Fra Filippo di Tommaso Lippi (Firenze, 1406 circa – Spoleto, 9 ottobre 1469) è stato un pittore italiano.
Fu, con Beato Angelico e Domenico Veneziano, il principale pittore attivo a Firenze della generazione dopo Masaccio. Dopo un periodo iniziale, di stretta aderenza masaccesca, pur arricchita di spunti tratti dalla vita reale, come nelle opere coeve di Donatello e Luca della Robbia, Lippi si orientò gradualmente verso uno spettro più ampio di influenze, che comprendeva anche la pittura fiamminga.
In seguito il suo stile si sviluppò verso una predominanza della linea di contorno ritmica su tutti gli altri elementi, con figure snelle, in pose ricercate e dinamiche, su sfondi scorciati arditamente in profondità. Il suo stile, nell'età laurenziana, divenne predominante in area fiorentina, costituendo le basi su cui pittori come Botticelli cocrearono il proprio stile.


Biografia

Formazione (1406-1437)


Filippo di Tommaso Lippi nacque a Firenze nel 1406 dal beccaio (macellaio) Tommaso di Lippo e da Antonia di ser Bindo Sernigi, che morì di parto. A due anni fu affidato, insieme al fratello Giovanni, a monna Lapaccia, sorella del padre. All'età di otto anni, nel 1414, venne messo insieme al fratello dai frati carmelitani del vicino convento del Carmine. L'8 giugno del 1421, Filippo prese i voti, mantenendo lo stesso nome di battesimo.
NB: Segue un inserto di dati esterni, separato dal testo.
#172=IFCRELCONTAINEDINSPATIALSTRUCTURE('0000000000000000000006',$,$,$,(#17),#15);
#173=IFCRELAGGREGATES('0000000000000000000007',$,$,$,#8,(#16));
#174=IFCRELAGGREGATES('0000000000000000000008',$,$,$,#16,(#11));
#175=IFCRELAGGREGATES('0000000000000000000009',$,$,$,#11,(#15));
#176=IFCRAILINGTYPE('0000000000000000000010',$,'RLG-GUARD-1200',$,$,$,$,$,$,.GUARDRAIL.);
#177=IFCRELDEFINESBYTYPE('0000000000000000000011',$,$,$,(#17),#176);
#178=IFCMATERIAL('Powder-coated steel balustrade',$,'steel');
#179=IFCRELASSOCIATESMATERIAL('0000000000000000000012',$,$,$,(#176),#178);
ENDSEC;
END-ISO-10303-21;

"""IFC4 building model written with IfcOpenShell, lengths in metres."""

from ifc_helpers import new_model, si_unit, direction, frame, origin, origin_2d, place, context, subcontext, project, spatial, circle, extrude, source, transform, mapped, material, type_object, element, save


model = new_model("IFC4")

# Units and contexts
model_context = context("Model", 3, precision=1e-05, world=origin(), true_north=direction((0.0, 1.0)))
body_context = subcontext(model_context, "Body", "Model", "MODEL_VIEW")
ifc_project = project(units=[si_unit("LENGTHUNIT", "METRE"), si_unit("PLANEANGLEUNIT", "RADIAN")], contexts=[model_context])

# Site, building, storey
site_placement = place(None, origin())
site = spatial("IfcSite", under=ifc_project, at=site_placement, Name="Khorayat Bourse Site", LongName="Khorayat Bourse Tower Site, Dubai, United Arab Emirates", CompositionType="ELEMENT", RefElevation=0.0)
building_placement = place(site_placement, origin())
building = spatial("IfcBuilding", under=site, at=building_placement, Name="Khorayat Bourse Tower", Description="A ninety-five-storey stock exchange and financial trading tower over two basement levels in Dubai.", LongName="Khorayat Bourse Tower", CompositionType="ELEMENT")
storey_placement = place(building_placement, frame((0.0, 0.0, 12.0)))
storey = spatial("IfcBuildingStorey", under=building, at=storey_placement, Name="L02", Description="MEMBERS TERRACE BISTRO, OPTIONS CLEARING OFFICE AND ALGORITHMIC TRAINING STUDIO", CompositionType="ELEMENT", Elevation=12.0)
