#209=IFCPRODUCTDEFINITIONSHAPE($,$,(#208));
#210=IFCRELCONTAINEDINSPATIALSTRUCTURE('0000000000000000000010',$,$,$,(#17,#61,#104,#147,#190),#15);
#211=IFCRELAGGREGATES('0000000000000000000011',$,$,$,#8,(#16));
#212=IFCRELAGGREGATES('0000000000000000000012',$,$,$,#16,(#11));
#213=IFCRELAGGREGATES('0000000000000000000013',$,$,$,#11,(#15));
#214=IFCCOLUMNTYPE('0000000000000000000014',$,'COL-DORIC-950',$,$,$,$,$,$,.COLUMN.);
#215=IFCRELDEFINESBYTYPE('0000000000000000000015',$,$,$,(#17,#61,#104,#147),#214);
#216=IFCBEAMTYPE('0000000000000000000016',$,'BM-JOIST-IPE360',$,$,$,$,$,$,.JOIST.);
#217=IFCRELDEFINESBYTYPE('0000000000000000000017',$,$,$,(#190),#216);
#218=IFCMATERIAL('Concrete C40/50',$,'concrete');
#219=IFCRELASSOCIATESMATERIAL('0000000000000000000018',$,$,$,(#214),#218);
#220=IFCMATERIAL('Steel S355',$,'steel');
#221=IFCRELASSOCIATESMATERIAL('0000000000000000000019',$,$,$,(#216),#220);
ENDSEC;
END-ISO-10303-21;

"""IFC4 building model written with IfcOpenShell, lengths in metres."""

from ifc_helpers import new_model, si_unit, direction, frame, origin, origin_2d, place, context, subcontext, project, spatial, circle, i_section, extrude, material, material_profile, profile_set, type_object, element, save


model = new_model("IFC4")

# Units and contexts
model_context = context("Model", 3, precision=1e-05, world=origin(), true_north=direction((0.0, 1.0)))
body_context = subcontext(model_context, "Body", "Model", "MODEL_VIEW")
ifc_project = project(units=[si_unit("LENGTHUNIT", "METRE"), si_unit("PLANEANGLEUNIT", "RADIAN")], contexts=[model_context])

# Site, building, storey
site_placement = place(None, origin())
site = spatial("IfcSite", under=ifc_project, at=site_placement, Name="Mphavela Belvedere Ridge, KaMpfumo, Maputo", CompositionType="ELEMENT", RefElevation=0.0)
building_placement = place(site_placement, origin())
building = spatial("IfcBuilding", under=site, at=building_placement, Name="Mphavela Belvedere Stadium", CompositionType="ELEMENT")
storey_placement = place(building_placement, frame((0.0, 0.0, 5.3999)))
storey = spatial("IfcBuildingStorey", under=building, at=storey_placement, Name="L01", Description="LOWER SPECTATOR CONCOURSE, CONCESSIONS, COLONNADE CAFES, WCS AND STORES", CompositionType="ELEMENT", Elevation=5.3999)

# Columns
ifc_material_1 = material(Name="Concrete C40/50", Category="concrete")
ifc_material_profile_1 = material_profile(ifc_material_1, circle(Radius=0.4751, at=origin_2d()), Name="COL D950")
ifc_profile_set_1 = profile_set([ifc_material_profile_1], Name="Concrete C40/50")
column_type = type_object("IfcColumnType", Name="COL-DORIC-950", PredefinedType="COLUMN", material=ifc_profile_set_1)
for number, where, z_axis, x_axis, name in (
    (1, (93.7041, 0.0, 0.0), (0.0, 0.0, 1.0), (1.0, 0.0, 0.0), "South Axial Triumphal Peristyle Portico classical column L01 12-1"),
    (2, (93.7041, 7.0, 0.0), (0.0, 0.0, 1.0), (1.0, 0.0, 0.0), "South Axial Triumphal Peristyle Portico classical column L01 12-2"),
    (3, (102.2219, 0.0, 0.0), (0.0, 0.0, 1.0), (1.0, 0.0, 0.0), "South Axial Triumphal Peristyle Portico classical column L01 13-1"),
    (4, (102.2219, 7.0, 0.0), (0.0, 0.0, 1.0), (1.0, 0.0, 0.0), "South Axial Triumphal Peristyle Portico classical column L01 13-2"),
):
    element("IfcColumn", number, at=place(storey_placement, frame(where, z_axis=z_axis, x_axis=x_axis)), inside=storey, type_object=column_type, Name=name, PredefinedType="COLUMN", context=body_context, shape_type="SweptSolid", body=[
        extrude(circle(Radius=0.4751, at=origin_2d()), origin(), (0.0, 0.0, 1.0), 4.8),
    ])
Nel 1424 assisté alla decorazione, da parte di Masolino da Panicale e Masaccio, della cappella Brancacci, che ebbe un ruolo fondamentale nella sua vocazione artistica. Altri modelli su cui il ragazzo si formò furono le novità scultoree di Donatello, Luca della Robbia, Nanni di Banco e Brunelleschi.
Nel luglio 1424 fu a Pistoia e a Siena, mentre nell'agosto 1426 viaggiò a Prato. Nel 1430 i documenti del convento lo definiscono per la prima volta «dipintore». Del 1431 è l'affresco con Il conferimento della regola del Carmelo nel convento del Carmine, e la contemporanea Madonna Trivulzio, entrambe opere segnate dall'influenza della pittura plastica di Masaccio.
Forse nel 1432 lasciò il convento di Firenze per Padova: i successivi documenti che lo ricordano con certezza sono del 1434 quando il 1º luglio ricevette undici once di oltremarino per dipingere il Tabernacolo delle Reliquie nella Basilica del Santo a Padova. Varie fonti menzionano una serie di opere per Padova, tra cui, in collaborazione con Ansuino da Forlì, gli affreschi della cappella del Podestà, ma tutta la sua attività di questo periodo è andata perduta. Nella città patavina il Lippi entrò in contatto con la pittura fiamminga e con il colore veneto.
Di questi anni è anche un episodio raccontato dal Vasari: "E trovandosi nella Marca d'Ancona, diportandosi un giorno con certi amici suoi in una barchetta per mare, furono tutti insieme dalle fuste de' Mori, che per quei luoghi scorrevano, presi e menati in Barberia, essendo ciascuno di loro condotto alla catena in servitù e tenuto schiavo, dove stette con molto disagio per XVIII mesi. Ma advenne un giorno, che avendo egli molto in pratica il padrone, gli venne commodità e capriccio di dipignerlo; per il che preso un carbone spento del fuoco, con quello tutto intero lo ritrasse co' suoi abiti indosso alla moresca, in un muro bianco. Fu da gli altri schiavi detto questo al padrone, perché a tutti un miracolo pareva, non s'usando il disegno né la pittura in quelle parti, e ciò fu cagione di dargli premio e di liberarlo da la catena dove per tanto tempo era stato tenuto".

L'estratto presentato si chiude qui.